School 1: CISC ("Complex Instruction Set Computer")
This is the school of capable hardware, powerful instructions, and short
programs (as expressed in machine code). CISC designs tend to implement a lot in
hardware, have a lot of modes and configurable behavior, and have relatively
short[1], powerful instructions. CISC architectures often have variable-length
instructions, allowing for frequently used instructions to be written compactly.
The current-day poster child for this school is the x86 family, but historically
there have been others, like the VAX architecture.

School 2: RISC ("Reduced Instruction Set Computer")
This is the school of relatively few, simple instructions. These virtually
always have fixed-length instructions and usually have only a few ways to do a
given operation. Often, these architectures require that instructions be aligned
to a word-length boundary as well. The ARM instruction set is somewhat in this
camp, but MIPS (not as used these days) is probably the exemplar.

School 3: Everyone Else
This school includes a bunch of different oddball stuff, like VLIW (Very Large
Instruction Word) architectures, stack-based architectures, architectures with
non-byte-aligned instructions, the "object-oriented" iAPX architecture, and so
on and so forth. A lot of these are very interesting to talk about in their own
right but I'll gloss over them here because practically all modern
architectures, especially those intended for general use, have coalesced into
schools 1 or 2 and these are generally considered dead ends.
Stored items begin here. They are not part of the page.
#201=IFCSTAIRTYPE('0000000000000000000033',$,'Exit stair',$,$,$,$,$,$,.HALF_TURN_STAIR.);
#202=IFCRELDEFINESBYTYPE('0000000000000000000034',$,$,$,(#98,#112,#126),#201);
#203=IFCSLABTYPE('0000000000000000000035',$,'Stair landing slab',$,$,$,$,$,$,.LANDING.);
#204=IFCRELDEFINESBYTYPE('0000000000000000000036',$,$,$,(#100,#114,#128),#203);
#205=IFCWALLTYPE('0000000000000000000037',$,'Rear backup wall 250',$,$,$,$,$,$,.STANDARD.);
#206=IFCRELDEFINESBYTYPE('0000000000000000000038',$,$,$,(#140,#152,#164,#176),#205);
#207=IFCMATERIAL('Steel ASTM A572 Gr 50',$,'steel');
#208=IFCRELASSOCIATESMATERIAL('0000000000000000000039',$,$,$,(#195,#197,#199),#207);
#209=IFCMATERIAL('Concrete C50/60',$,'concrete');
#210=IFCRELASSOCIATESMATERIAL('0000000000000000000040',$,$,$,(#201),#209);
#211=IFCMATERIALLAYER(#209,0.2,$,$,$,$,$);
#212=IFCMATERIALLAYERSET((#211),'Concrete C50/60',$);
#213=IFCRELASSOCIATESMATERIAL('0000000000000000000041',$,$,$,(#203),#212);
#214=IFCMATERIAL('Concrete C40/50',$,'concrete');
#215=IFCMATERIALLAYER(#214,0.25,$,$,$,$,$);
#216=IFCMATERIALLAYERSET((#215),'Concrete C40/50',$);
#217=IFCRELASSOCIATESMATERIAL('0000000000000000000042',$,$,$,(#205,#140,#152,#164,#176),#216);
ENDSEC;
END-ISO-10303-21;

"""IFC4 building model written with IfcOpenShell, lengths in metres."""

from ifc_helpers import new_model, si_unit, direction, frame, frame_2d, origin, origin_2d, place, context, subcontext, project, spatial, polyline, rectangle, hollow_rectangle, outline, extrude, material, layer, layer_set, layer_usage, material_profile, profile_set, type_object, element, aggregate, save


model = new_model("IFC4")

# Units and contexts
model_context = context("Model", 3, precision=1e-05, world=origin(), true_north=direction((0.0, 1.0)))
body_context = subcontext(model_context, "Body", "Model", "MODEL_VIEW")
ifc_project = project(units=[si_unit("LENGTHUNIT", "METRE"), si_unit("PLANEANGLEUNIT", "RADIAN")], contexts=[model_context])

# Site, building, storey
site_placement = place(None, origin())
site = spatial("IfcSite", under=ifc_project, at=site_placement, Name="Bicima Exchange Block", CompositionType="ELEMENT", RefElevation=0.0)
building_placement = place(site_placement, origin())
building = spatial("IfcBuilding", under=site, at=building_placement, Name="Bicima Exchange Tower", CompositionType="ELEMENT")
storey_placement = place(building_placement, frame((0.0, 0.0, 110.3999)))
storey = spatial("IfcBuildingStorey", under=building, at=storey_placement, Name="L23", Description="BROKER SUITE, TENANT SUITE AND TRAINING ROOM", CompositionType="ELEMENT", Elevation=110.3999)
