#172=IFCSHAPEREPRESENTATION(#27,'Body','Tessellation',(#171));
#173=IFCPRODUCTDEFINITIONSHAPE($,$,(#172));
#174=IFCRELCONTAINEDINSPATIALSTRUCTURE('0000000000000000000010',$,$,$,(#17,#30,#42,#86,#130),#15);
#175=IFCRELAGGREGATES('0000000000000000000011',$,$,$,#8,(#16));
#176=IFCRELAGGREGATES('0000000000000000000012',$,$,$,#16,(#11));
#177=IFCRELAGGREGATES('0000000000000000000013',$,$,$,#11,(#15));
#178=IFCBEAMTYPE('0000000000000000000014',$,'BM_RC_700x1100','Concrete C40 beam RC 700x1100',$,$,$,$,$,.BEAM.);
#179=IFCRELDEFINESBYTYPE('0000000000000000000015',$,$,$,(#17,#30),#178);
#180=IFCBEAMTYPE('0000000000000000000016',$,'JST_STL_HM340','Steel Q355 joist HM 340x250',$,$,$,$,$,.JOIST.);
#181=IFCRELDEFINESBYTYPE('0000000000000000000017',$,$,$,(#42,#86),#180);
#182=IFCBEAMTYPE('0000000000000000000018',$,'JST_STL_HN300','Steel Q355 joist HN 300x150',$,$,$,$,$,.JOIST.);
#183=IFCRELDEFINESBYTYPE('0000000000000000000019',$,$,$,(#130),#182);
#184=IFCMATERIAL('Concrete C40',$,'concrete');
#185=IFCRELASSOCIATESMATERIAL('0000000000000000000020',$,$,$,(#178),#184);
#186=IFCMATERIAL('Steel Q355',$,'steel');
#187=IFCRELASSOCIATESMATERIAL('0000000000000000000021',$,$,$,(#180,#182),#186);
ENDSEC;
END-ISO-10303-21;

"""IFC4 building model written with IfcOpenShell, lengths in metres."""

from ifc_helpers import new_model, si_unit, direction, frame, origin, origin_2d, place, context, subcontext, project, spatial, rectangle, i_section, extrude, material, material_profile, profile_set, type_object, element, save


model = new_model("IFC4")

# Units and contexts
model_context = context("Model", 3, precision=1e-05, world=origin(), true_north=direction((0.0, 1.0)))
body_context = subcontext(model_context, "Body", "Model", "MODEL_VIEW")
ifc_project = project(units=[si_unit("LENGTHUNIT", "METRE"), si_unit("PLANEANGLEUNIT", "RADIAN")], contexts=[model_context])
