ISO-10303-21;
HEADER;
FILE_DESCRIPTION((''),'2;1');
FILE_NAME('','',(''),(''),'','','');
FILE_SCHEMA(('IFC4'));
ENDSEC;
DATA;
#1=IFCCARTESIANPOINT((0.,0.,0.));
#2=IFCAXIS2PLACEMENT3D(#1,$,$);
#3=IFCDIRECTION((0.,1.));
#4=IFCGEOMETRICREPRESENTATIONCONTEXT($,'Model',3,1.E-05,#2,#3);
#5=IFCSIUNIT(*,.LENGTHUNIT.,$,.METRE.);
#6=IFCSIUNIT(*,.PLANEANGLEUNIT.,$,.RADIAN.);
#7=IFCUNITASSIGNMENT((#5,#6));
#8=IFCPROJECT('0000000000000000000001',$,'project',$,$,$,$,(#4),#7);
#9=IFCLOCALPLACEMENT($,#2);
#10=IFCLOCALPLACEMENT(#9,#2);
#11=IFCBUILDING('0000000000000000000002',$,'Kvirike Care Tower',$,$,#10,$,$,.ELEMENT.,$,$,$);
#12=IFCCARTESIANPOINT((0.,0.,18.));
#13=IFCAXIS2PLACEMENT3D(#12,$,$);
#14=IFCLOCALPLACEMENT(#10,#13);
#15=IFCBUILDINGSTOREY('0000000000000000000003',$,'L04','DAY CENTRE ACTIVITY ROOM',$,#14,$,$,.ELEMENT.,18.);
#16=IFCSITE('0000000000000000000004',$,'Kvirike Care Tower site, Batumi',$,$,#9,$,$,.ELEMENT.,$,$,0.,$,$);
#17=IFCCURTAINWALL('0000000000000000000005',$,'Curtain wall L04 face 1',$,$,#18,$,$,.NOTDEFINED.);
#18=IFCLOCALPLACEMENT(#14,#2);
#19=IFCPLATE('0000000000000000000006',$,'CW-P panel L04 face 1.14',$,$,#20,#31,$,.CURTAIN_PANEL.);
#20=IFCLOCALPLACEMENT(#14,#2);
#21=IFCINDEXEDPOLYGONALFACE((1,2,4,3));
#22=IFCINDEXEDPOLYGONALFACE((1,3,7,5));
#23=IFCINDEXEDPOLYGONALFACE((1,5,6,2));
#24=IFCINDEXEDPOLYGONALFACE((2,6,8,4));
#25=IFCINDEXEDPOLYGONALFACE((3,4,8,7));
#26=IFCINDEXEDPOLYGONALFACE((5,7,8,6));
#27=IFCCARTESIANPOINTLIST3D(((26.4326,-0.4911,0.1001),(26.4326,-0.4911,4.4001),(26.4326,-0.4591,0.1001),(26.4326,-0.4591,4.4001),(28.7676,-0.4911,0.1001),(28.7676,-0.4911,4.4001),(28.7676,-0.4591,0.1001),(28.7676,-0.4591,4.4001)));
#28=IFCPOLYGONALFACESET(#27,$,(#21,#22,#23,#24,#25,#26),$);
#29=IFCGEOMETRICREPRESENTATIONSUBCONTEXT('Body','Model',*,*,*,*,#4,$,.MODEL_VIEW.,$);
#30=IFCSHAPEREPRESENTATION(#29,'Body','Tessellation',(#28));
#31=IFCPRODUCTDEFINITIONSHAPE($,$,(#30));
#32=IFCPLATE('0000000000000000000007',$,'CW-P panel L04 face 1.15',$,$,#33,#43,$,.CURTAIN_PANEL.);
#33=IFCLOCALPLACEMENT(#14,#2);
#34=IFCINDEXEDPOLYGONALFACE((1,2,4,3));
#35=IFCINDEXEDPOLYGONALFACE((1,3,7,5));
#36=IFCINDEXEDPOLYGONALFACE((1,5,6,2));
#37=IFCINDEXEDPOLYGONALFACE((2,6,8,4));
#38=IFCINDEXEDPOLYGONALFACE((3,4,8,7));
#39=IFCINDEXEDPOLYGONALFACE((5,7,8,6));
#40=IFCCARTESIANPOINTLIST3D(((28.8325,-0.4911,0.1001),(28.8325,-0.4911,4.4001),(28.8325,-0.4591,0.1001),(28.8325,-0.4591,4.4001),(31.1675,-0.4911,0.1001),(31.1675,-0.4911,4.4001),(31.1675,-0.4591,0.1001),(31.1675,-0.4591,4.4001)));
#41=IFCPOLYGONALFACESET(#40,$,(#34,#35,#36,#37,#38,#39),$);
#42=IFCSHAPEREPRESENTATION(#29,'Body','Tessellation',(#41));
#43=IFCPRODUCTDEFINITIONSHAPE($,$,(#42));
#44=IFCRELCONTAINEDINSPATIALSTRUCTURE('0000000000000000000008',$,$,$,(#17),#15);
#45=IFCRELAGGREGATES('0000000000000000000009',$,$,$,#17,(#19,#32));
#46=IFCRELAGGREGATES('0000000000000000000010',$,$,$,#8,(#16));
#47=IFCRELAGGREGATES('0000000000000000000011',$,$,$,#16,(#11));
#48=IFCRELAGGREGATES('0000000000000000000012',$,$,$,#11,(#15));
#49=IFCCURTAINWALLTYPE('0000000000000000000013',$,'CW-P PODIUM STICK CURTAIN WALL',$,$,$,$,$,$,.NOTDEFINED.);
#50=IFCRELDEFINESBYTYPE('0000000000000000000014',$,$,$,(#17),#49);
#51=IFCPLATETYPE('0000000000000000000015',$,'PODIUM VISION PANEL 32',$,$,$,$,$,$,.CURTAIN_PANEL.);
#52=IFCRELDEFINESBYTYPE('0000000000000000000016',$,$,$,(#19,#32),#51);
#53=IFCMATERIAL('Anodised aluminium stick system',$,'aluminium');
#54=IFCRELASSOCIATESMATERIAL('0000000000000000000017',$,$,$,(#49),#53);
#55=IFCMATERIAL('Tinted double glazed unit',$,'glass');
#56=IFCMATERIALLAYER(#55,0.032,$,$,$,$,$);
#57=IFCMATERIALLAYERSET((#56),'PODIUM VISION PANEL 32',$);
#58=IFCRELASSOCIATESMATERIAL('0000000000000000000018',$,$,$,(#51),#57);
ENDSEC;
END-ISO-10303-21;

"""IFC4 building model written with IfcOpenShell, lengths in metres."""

from ifc_helpers import new_model, si_unit, direction, frame, origin, origin_2d, place, context, subcontext, project, spatial, rectangle, extrude, material, layer, layer_set, type_object, element, aggregate, save


model = new_model("IFC4")

# Units and contexts
model_context = context("Model", 3, precision=1e-05, world=origin(), true_north=direction((0.0, 1.0)))
body_context = subcontext(model_context, "Body", "Model", "MODEL_VIEW")
ifc_project = project(units=[si_unit("LENGTHUNIT", "METRE"), si_unit("PLANEANGLEUNIT", "RADIAN")], contexts=[model_context])

# Site, building, storey
site_placement = place(None, origin())
site = spatial("IfcSite", under=ifc_project, at=site_placement, Name="Kvirike Care Tower site, Batumi", CompositionType="ELEMENT", RefElevation=0.0)
building_placement = place(site_placement, origin())
building = spatial("IfcBuilding", under=site, at=building_placement, Name="Kvirike Care Tower", CompositionType="ELEMENT")
storey_placement = place(building_placement, frame((0.0, 0.0, 18.0)))
storey = spatial("IfcBuildingStorey", under=building, at=storey_placement, Name="L04", Description="DAY CENTRE ACTIVITY ROOM", CompositionType="ELEMENT", Elevation=18.0)

# Curtain wall
ifc_material_1 = material(Name="Anodised aluminium stick system", Category="aluminium")
curtain_wall_type = type_object("IfcCurtainWallType", Name="CW-P PODIUM STICK CURTAIN WALL", PredefinedType="NOTDEFINED", material=ifc_material_1)
curtain_wall_placement = place(storey_placement, origin())
curtain_wall = element("IfcCurtainWall", 1, at=curtain_wall_placement, inside=storey, type_object=curtain_wall_type, Name="Curtain wall L04 face 1", PredefinedType="NOTDEFINED")

# Plates
ifc_material_2 = material(Name="Tinted double glazed unit", Category="glass")
ifc_layer = layer(ifc_material_2, 0.032)
ifc_layer_set = layer_set([ifc_layer], Name="PODIUM VISION PANEL 32")
plate_type = type_object("IfcPlateType", Name="PODIUM VISION PANEL 32", PredefinedType="CURTAIN_PANEL", material=ifc_layer_set)
plate_1_placement = place(storey_placement, frame((27.6001, -0.4751, 0.1001), z_axis=(0.0, 0.0, 1.0), x_axis=(1.0, 0.0, 0.0)))
plate_1 = element("IfcPlate", 2, at=plate_1_placement, type_object=plate_type, Name="CW-P panel L04 face 1.14", PredefinedType="CURTAIN_PANEL", context=body_context, shape_type="SweptSolid", body=[
    extrude(rectangle(XDim=2.335, YDim=0.032, at=origin_2d()), origin(), (0.0, 0.0, 1.0), 4.3),
])
plate_2_placement = place(storey_placement, frame((30.0, -0.4751, 0.1001), z_axis=(0.0, 0.0, 1.0), x_axis=(1.0, 0.0, 0.0)))
plate_2 = element("IfcPlate", 3, at=plate_2_placement, type_object=plate_type, Name="CW-P panel L04 face 1.15", PredefinedType="CURTAIN_PANEL", context=body_context, shape_type="SweptSolid", body=[
    extrude(rectangle(XDim=2.335, YDim=0.032, at=origin_2d()), origin(), (0.0, 0.0, 1.0), 4.3),
])
aggregate(curtain_wall, [plate_1, plate_2])

save(model, "model.ifc")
Regardless of which school an architecture falls into, the fundamental tension
for encodings is generally between compactness, expressive power of a single
instruction, and simplicity.  Specifically, for a given set of architectural
features, the following choice always appears: do you try to define a "more
frequently used" set of those features and give them shorter encodings, yielding
more compact machine code but more difficult encoding, or do you leave your
instruction set "orthogonal", with all instructions being encoded the same way?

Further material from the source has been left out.